По молодости лет мы, конечно, не сознавали, что мало-помалу заходим в тупик. Мы видели лишь безграничную добросовестность Станиславского, его неуемную требовательность и полагали, что в этом причины непредвиденной нашей задержки. Но были другие, более серьезные осложнения -- они разрешились лишь тогда, когда совсем еще черновую, незавершенную работу над "Провинциалкой" договорились показать в фойе Владимиру Ивановичу.
Когда окончился прогон, мы, разгоряченные и взволнованные, окружили Владимира Ивановича, ожидая его приговора. Он долго молчал, очевидно что-то обдумывая, затем последовало неожиданное после столь длительного молчания краткое заключение, лестное для всех нас:
-- Ну что ж! Очень серьезная работа и тонкое проникновение в вещь. Мастерство, блеск в решении. Я бы сказал, что это... это грандиозно!
Поощренные и обрадованные высоким отзывом, мы наперебой стали просить у Владимира Ивановича конкретных указаний по спектаклю в целом и по отдельным ролям. Но их нелегко было добиться, этих указаний. Долгое время Владимир Иванович отказывался добавить что-либо к своей первоначальной оценке, утверждая, что она исчерпывает существо дела и что все действительно обстоит благополучно. Однако было нечто недоговоренное в словах и выражении лица Владимира Ивановича, какая-то хитринка в глазах, незаконченность интонаций, медлительная раздумчивость речи -- словом, что-то, что заставляло нас во главе с Константином Сергеевичем настойчиво добиваться иного ответа. А Владимир Иванович продолжал твердить:
-- Теряюсь! Теряюсь!.. Надо подумать... Потом, может быть... -- и вдруг добавил:
-- Вот, разве только...
-- Что, что, Владимир Иванович?! -- подхватили мы, чувствуя, что приближаемся к цели.
-- Так, одно соображение... Меня интересует... Мне не совсем ясно, почему, собственно, Тургенев назвал свою комедию "Провинциалкой"?
Мы как-то сразу внутренне осели. Вопрос был для нас совершенно неожиданным. Неправда ли, какое странное положение: исполнители классической пьесы ни разу не задумались о ее названии и стали в тупик перед необходимостью его истолковать. Тем не менее это было так, и я не помню, чтобы после коварного вопроса Владимира Ивановича тут же развернулся обмен мнениями на эту тему.

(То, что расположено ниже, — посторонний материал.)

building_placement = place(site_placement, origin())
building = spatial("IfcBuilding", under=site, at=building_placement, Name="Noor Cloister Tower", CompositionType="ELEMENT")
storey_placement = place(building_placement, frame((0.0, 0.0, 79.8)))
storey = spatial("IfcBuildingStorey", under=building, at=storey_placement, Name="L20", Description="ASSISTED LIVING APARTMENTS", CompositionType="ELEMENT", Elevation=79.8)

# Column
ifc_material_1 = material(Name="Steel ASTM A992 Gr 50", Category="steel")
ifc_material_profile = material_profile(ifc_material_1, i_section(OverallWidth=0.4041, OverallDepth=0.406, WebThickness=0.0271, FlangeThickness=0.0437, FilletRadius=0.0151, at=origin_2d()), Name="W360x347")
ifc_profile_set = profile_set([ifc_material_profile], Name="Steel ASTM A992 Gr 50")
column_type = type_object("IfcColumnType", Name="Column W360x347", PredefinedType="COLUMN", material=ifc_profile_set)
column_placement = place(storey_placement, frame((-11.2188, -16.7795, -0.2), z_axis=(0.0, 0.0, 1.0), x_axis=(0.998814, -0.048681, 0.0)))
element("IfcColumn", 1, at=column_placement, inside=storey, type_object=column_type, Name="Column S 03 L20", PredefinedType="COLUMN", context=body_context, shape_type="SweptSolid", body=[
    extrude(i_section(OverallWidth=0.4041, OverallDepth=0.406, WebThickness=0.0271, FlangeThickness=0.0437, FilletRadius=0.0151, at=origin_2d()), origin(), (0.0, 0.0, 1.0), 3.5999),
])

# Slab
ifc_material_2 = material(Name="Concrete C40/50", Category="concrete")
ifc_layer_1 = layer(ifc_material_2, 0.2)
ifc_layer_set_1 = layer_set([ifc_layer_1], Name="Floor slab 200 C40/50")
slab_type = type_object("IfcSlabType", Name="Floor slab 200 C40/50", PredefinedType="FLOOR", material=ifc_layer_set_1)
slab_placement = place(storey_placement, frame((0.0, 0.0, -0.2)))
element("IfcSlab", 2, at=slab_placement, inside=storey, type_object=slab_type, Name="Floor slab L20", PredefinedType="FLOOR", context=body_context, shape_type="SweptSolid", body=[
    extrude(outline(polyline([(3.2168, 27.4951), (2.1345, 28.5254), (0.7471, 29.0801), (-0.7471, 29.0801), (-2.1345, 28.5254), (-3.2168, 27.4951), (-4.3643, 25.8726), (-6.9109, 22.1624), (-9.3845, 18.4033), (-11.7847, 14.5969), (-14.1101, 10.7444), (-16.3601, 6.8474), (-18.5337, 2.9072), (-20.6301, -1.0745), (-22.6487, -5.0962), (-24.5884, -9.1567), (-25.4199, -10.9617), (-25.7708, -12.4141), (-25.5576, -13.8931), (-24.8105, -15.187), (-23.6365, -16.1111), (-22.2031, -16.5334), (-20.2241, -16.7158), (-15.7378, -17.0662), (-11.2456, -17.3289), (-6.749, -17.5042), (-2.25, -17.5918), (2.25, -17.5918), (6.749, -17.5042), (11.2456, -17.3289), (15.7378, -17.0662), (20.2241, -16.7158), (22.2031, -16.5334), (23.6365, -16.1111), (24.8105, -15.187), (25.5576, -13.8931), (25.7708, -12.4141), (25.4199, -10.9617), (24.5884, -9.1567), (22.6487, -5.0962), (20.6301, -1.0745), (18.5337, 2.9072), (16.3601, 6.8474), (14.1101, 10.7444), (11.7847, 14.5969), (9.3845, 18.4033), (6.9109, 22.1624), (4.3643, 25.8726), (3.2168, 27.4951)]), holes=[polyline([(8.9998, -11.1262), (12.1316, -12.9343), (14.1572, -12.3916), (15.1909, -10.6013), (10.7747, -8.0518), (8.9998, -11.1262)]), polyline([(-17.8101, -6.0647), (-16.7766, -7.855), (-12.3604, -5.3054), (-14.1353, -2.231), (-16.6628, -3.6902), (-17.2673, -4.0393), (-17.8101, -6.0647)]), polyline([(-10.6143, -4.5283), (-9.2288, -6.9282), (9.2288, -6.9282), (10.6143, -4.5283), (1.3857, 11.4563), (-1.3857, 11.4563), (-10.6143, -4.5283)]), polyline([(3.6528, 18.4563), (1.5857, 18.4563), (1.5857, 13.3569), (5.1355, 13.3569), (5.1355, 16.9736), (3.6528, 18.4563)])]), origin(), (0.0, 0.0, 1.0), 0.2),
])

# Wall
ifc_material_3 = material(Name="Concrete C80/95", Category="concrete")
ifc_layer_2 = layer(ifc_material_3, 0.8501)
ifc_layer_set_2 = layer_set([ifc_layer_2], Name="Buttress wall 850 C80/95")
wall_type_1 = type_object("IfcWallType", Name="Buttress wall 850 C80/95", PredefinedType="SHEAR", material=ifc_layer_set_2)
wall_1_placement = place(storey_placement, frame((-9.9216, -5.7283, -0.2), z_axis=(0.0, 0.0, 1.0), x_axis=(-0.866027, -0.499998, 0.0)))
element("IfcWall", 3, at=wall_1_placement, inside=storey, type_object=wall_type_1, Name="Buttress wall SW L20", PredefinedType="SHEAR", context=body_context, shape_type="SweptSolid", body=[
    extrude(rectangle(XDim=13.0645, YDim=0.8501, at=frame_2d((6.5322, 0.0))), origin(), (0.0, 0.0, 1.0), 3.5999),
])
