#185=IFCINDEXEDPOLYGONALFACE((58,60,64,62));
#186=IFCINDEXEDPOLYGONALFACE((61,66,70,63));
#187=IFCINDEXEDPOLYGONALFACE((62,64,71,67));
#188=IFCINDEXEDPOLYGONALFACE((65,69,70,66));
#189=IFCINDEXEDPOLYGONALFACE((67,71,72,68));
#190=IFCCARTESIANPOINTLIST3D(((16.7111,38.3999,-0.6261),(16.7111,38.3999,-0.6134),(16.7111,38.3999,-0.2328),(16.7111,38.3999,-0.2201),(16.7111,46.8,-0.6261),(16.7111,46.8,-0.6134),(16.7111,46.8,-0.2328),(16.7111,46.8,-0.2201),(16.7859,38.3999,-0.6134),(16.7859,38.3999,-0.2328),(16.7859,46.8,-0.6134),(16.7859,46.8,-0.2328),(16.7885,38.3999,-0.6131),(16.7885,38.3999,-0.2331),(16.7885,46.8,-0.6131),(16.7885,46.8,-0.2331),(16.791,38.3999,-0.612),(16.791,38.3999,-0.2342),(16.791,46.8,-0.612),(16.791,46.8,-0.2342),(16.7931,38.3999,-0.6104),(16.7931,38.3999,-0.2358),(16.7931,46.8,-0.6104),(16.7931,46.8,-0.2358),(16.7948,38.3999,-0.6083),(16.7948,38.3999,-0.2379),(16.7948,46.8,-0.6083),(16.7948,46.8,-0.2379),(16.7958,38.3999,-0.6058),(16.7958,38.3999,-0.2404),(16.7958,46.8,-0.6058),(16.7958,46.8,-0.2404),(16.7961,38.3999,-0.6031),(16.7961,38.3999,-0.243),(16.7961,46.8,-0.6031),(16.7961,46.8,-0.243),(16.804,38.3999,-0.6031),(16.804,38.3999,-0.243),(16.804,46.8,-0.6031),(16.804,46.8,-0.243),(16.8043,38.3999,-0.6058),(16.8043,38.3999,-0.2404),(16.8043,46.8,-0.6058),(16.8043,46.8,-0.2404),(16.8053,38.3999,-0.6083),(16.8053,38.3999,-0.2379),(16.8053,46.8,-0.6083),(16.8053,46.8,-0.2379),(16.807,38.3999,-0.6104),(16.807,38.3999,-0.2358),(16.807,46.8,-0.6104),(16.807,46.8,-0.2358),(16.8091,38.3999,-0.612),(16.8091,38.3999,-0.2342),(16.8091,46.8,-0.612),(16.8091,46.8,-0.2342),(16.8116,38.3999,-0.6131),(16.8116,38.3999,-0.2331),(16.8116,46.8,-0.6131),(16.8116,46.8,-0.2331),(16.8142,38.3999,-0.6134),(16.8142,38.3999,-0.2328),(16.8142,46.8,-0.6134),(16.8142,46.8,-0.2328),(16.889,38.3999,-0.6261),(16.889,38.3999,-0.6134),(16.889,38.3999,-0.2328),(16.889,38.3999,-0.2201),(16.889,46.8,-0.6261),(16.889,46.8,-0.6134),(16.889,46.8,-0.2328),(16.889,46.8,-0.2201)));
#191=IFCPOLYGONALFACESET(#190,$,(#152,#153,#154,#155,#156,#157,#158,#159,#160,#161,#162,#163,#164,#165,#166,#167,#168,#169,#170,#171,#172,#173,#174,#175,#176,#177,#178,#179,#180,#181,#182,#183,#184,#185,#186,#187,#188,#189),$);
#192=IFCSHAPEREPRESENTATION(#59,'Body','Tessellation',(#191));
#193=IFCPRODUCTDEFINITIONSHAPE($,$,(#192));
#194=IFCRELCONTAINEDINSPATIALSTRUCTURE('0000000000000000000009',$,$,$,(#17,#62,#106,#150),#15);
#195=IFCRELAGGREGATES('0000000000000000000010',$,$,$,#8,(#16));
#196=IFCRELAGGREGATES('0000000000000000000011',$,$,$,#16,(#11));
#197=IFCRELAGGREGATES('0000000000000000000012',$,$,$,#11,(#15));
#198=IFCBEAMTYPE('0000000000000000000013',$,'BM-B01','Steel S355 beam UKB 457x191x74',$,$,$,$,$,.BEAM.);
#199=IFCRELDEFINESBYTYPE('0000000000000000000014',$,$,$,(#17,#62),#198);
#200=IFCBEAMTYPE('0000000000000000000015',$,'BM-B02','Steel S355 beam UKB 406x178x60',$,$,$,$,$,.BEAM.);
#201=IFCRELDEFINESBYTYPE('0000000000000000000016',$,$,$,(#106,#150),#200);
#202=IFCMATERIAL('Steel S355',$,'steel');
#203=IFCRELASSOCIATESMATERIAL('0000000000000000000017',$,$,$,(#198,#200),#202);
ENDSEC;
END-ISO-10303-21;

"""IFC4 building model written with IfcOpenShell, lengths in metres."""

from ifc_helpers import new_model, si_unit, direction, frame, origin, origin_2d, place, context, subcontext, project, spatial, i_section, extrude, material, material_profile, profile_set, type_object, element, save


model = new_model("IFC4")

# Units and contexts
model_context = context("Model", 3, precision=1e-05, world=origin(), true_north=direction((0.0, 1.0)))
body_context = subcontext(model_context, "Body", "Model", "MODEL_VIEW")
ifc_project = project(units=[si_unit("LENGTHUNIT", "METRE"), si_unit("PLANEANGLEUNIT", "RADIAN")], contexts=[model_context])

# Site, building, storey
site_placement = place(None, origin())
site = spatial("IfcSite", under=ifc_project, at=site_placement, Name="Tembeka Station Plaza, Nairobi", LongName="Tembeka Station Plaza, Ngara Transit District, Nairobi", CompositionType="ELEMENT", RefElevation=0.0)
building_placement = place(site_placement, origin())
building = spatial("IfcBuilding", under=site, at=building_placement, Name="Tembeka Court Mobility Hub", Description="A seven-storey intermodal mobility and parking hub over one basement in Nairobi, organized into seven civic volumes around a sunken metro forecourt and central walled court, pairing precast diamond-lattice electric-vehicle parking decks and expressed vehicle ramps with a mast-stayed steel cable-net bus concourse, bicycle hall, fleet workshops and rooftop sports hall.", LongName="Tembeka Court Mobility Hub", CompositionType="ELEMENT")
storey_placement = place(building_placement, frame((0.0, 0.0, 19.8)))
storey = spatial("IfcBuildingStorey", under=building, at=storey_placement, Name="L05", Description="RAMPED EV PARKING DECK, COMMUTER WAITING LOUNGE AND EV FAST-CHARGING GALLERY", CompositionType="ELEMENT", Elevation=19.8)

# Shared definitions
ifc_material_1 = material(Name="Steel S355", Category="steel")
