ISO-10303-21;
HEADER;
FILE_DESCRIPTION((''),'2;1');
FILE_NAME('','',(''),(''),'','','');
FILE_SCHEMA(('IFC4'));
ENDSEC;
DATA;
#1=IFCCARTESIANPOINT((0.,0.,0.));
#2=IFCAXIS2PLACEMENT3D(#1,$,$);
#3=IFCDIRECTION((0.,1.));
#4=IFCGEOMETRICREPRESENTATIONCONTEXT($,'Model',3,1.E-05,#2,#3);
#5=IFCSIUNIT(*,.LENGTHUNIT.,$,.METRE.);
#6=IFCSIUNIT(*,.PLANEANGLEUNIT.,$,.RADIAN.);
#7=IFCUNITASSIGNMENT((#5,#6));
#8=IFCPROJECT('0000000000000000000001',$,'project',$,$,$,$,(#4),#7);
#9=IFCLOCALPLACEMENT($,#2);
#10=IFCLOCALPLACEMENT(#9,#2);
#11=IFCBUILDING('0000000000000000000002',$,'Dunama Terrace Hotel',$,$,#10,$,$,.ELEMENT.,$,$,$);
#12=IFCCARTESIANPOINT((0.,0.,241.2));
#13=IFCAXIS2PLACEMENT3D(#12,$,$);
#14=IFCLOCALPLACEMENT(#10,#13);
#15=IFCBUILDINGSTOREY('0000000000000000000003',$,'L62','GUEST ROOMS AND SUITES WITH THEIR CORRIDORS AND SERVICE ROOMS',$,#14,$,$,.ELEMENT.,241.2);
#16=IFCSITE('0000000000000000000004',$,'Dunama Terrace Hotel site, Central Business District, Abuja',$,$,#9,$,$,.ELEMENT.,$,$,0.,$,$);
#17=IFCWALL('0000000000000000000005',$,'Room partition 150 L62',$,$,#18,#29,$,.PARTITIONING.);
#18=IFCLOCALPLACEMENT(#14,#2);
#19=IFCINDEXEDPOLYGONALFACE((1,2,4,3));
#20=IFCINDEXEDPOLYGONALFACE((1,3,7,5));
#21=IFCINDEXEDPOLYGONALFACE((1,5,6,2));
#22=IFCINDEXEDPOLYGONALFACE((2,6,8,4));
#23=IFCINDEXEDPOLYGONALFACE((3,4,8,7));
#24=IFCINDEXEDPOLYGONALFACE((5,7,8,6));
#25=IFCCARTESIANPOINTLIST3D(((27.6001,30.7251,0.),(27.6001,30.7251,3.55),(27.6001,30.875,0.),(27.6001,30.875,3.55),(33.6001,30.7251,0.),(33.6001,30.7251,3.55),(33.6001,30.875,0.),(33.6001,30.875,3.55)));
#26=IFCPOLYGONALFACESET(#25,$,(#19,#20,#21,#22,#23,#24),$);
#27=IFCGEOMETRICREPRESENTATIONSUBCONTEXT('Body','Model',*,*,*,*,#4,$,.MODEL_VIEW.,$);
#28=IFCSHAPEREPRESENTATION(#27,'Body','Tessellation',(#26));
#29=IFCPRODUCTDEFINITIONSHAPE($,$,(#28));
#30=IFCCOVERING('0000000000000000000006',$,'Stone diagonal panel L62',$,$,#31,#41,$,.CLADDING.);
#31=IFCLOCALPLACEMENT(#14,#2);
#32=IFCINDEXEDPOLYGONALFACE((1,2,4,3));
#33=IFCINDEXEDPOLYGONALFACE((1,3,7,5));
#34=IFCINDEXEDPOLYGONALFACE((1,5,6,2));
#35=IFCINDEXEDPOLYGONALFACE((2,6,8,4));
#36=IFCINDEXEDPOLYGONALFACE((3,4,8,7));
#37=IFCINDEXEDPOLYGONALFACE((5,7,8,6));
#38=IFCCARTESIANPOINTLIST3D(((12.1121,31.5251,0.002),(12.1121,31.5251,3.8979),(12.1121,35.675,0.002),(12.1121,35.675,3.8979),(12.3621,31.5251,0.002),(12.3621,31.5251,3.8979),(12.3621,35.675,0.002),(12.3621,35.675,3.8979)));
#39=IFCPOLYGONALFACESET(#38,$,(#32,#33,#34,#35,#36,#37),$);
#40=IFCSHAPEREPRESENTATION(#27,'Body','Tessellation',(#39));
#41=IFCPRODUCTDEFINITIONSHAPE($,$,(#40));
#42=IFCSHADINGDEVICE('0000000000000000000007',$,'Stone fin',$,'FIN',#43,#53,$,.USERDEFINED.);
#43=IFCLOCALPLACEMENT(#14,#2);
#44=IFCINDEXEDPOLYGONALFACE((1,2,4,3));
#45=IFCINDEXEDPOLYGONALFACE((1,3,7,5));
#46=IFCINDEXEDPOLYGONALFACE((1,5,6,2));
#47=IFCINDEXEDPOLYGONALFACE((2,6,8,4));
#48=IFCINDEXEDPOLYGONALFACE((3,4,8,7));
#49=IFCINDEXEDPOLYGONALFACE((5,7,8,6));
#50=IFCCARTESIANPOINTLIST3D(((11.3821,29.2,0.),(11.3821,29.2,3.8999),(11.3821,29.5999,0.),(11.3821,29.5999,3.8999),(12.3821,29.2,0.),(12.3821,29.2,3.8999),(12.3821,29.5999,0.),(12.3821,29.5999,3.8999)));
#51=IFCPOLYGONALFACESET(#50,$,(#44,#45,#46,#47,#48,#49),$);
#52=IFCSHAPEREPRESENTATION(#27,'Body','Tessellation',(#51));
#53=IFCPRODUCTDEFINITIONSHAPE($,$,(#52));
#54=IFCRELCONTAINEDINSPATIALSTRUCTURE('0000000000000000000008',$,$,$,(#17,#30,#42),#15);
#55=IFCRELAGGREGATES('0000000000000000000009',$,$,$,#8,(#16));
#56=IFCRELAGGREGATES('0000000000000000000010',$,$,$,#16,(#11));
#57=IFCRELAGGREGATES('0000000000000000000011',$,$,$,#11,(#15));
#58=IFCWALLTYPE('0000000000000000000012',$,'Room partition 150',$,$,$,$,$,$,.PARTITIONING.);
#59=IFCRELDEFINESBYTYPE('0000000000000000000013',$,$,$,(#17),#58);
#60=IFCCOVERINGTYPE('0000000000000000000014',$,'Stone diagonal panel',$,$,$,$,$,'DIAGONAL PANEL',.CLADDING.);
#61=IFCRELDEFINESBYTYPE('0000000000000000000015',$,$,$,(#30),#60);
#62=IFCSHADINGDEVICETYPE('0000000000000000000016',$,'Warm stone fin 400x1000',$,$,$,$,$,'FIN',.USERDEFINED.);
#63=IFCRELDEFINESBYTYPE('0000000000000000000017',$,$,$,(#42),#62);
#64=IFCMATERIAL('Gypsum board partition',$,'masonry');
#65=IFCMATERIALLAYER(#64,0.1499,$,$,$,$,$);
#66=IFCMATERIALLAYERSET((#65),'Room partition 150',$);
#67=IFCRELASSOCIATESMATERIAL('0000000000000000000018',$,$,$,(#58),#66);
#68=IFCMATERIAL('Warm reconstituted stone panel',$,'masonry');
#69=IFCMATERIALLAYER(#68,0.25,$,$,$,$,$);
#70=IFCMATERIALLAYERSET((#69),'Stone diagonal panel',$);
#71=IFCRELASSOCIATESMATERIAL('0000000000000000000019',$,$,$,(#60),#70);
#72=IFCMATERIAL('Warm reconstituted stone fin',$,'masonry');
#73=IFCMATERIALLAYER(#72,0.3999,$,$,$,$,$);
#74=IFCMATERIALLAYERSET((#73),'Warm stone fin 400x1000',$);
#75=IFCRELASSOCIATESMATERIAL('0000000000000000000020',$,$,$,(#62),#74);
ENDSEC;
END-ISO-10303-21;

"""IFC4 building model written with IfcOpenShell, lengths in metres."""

from ifc_helpers import new_model, si_unit, direction, frame, frame_2d, origin, origin_2d, place, context, subcontext, project, spatial, rectangle, extrude, material, layer, layer_set, type_object, element, save


model = new_model("IFC4")

# Units and contexts
model_context = context("Model", 3, precision=1e-05, world=origin(), true_north=direction((0.0, 1.0)))
body_context = subcontext(model_context, "Body", "Model", "MODEL_VIEW")
ifc_project = project(units=[si_unit("LENGTHUNIT", "METRE"), si_unit("PLANEANGLEUNIT", "RADIAN")], contexts=[model_context])

# Site, building, storey
site_placement = place(None, origin())
site = spatial("IfcSite", under=ifc_project, at=site_placement, Name="Dunama Terrace Hotel site, Central Business District, Abuja", CompositionType="ELEMENT", RefElevation=0.0)
building_placement = place(site_placement, origin())
building = spatial("IfcBuilding", under=site, at=building_placement, Name="Dunama Terrace Hotel", CompositionType="ELEMENT")
storey_placement = place(building_placement, frame((0.0, 0.0, 241.2)))
storey = spatial("IfcBuildingStorey", under=building, at=storey_placement, Name="L62", Description="GUEST ROOMS AND SUITES WITH THEIR CORRIDORS AND SERVICE ROOMS", CompositionType="ELEMENT", Elevation=241.2)

# Shared definitions
ifc_material_1 = material(Name="Gypsum board partition", Category="masonry")
ifc_layer_1 = layer(ifc_material_1, 0.1499)
ifc_layer_set_1 = layer_set([ifc_layer_1], Name="Room partition 150")
wall_type_1 = type_object("IfcWallType", Name="Room partition 150", PredefinedType="PARTITIONING", material=ifc_layer_set_1)

# Wall
wall_1_placement = place(storey_placement, frame((27.6001, 30.8, 0.0), z_axis=(0.0, 0.0, 1.0), x_axis=(1.0, 0.0, 0.0)))
element("IfcWall", 1, at=wall_1_placement, inside=storey, type_object=wall_type_1, Name="Room partition 150 L62", PredefinedType="PARTITIONING", context=body_context, shape_type="SweptSolid", body=[
    extrude(rectangle(XDim=6.0, YDim=0.1499, at=frame_2d((3.0, 0.0))), origin(), (0.0, 0.0, 1.0), 3.55),
])

# Covering
ifc_material_2 = material(Name="Warm reconstituted stone panel", Category="masonry")
ifc_layer_2 = layer(ifc_material_2, 0.25)
ifc_layer_set_2 = layer_set([ifc_layer_2], Name="Stone diagonal panel")
covering_type = type_object("IfcCoveringType", Name="Stone diagonal panel", ElementType="DIAGONAL PANEL", PredefinedType="CLADDING", material=ifc_layer_set_2)
covering_placement = place(storey_placement, frame((12.2371, 33.6001, 0.002), z_axis=(0.0, 0.0, 1.0), x_axis=(0.0, -1.0, 0.0)))
element("IfcCovering", 2, at=covering_placement, inside=storey, type_object=covering_type, Name="Stone diagonal panel L62", PredefinedType="CLADDING", context=body_context, shape_type="SweptSolid", body=[
    extrude(rectangle(XDim=4.1499, YDim=0.25, at=origin_2d()), origin(), (0.0, 0.0, 1.0), 3.896),
])

# Shading device
ifc_material_3 = material(Name="Warm reconstituted stone fin", Category="masonry")
ifc_layer_3 = layer(ifc_material_3, 0.3999)
ifc_layer_set_3 = layer_set([ifc_layer_3], Name="Warm stone fin 400x1000")
shading_device_type = type_object("IfcShadingDeviceType", Name="Warm stone fin 400x1000", ElementType="FIN", PredefinedType="USERDEFINED", material=ifc_layer_set_3)
shading_device_placement = place(storey_placement, frame((11.8821, 29.3999, 0.0), z_axis=(0.0, 0.0, 1.0), x_axis=(0.0, -1.0, 0.0)))
element("IfcShadingDevice", 3, at=shading_device_placement, inside=storey, type_object=shading_device_type, Name="Stone fin", ObjectType="FIN", PredefinedType="USERDEFINED", context=body_context, shape_type="SweptSolid", body=[
    extrude(rectangle(XDim=0.3999, YDim=1.0, at=origin_2d()), origin(), (0.0, 0.0, 1.0), 3.8999),
])

save(model, "model.ifc")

Мы почему-то очень скоро разошлись, и репетиции на время прекратились, а когда мы встретились вновь, то сразу поняли, что в образовавшемся промежутке Владимир Иванович проводил какую-то работу со Станиславским и Лилиной; поняли это по движению образов у обоих, по тому, что наш спектакль, словно освобожденный от невидимого гнета, стал расти и расти, как на дрожжах.
Так мы получили возможность лишний раз оценить удивительную деликатность Владимира Ивановича, его особую чуткость в тех случаях, когда дело касалось Константина Сергеевича. И не только из-за необходимости охранять авторитет последнего -- да и что в целом мире могло нарушить этот авторитет! -- но еще потому, что он, Владимир Иванович, помнил о необычайной чувствительности Станиславского, о его иногда повышенных реакциях на прямые оценки его работы. Много позже, читая воспоминания Вл. И. Немировича-Данченко, я узнал, что разговор об этой "правде в глаза" состоялся у них еще в день знаменательной встречи в "Славянском базаре", и, раз предупрежденный Станиславским, Владимир Иванович ни разу с тех пор не задел его самолюбия, но всегда находил форму, чтобы критика той или иной постановки Константина Сергеевича была плодотворно действенной и правда все-таки была бы сказана в глаза. Так было и в этом случае -- интереснейшим случае с тургеневским спектаклем.